Great looking ABT's but they would be better watching hockey than football. 

Disco


----------



## WaterinHoleBrew (Dec 30, 2014)

dirtsailor2003 said:


> Tasty looking ABT's Justin! Nice Smoke!
> 
> I was craving them this weekend. Went to the store and couldn't bring myself to buy what they had. Horrible shriveled up things. I was bummed!



Thanks Case, they were tasty.  
That sucks when ya have a craving & nothing worthwhile in the store....




Disco said:


> Great looking ABT's but they would be better watching hockey than football.
> 
> Disco



Ah come on Disco, hockey...  In all seriousness, thanks for the kind words & for dropping a line !
If you enjoy hockey as much as I do football, I totally get it!


----------



## disco (Dec 30, 2014)

WaterinHoleBrew said:


> Thanks Case, they were tasty.
> That sucks when ya have a craving & nothing worthwhile in the store....
> Ah come on Disco, hockey... In all seriousness, thanks for the kind words & for dropping a line !
> If you enjoy hockey as much as I do football, I totally get it!
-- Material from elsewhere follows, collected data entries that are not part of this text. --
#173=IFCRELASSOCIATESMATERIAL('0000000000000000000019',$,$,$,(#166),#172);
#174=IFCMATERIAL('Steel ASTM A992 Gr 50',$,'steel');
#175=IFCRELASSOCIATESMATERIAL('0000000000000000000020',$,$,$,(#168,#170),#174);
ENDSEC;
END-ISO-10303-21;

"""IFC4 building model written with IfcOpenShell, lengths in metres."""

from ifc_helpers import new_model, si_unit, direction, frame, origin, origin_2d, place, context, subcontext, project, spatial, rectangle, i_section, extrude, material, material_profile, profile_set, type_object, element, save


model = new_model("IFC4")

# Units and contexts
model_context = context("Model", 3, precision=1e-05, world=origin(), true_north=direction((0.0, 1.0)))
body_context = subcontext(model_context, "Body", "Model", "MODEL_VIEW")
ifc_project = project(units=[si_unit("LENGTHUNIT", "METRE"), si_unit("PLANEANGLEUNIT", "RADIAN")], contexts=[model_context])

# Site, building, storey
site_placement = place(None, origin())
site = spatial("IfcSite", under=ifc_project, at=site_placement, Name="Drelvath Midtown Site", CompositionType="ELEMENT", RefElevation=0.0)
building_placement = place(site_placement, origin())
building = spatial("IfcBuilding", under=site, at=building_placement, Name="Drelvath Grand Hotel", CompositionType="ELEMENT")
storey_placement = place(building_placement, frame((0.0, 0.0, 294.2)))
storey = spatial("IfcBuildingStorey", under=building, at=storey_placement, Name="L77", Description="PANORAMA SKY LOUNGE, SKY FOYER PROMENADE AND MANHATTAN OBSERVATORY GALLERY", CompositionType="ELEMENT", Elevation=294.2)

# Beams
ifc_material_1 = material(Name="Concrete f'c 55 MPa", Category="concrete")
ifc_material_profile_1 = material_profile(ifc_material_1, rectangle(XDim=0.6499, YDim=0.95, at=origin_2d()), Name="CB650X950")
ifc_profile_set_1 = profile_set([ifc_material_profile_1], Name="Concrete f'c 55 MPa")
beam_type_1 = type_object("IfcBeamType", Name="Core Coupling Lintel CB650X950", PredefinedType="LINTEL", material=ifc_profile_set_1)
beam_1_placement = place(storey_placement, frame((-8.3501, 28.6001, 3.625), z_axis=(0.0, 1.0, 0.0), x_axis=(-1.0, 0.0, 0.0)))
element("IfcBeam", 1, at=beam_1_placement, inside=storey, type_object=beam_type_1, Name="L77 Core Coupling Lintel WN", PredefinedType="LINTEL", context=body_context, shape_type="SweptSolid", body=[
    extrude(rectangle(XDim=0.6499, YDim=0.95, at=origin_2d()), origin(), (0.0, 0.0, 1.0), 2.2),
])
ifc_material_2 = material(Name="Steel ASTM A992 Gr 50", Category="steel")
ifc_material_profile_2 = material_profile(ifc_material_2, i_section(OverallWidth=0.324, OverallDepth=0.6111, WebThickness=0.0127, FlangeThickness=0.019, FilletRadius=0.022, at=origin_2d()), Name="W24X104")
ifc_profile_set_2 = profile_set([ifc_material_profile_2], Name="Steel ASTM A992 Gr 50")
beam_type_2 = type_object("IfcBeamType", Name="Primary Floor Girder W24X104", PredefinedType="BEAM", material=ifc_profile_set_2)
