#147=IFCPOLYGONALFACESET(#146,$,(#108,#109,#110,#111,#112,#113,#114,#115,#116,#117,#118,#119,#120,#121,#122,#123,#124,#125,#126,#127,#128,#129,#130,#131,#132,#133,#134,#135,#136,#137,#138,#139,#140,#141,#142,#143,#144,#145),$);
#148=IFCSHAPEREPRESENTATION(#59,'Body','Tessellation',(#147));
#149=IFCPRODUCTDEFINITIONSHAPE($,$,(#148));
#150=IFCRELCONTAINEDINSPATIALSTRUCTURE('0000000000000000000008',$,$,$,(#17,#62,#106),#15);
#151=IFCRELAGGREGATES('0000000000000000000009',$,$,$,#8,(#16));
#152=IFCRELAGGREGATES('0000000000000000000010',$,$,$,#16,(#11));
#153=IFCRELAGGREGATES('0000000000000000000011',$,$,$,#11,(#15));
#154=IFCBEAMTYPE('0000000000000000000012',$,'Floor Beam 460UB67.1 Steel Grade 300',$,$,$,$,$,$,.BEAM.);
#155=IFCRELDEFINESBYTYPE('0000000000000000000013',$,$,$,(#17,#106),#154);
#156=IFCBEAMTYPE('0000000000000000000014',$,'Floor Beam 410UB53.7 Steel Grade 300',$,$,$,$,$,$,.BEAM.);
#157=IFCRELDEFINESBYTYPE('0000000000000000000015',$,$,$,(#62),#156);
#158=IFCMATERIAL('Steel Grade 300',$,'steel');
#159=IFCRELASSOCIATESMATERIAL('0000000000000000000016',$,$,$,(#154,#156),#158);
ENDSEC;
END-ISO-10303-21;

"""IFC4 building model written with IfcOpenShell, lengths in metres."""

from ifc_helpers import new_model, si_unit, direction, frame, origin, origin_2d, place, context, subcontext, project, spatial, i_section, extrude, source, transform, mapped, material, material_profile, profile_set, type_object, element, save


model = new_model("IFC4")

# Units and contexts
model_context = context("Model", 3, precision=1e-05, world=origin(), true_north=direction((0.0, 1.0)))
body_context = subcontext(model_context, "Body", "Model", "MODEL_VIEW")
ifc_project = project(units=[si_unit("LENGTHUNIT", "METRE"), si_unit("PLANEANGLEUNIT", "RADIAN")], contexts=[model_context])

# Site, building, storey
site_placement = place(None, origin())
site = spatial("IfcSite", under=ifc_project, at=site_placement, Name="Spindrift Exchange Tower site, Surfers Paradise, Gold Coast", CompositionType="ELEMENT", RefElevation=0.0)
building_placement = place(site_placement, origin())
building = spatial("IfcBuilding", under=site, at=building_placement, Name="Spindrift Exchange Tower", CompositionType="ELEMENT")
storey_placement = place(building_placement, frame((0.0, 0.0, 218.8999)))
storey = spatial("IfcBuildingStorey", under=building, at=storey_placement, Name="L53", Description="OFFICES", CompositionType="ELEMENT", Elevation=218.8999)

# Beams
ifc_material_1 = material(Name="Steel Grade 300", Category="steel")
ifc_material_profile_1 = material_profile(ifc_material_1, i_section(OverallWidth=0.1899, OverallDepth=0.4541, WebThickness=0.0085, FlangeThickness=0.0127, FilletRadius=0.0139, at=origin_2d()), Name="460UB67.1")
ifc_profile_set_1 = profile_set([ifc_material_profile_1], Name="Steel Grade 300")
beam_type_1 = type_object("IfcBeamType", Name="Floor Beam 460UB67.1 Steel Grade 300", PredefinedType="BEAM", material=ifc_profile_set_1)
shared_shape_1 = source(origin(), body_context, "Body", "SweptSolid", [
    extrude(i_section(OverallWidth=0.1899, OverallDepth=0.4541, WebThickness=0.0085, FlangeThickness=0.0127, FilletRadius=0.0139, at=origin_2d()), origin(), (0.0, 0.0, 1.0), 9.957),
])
Actually, I like both but right now is the best hockey of the year. The world junior championship. Tomorrow, Canada plays the US. Sorry for what is about to happen.

As for football, I am a Detroit fan as they have the same name as my local team the Lions. I also follow the Seahawks as they are close.

Disco


----------



## WaterinHoleBrew (Dec 31, 2014)

Disco said:


> WaterinHoleBrew said:
> 
> 
> > Thanks Case, they were tasty.
> ...



I understand Disco, no problem.....  Hockey & Canada are like ribs & TBS, they just go together real well !  Good luck to your team...  As for football....

I'm a Cowboys fan, have been since I was 4 yrs old....so I'm pulling for my Boys, but I respect Detroit & their fans.... Gonna be a hell of a hard fought game!

:beercheer:


----------



## disco (Jan 1, 2015)

WaterinHoleBrew said:


> I understand Disco, no problem..... Hockey & Canada are like ribs & TBS, they just go together real well ! Good luck to your team... As for football....
> 
> I'm a Cowboys fan, have been since I was 4 yrs old....so I'm pulling for my Boys, but I respect Detroit & their fans.... Gonna be a hell of a hard fought game!


I know what you mean about Detroit fans. There were years it was hard to admit they were your team.

As for the Hockey, Canada won today. It was a great game though, both teams played so well.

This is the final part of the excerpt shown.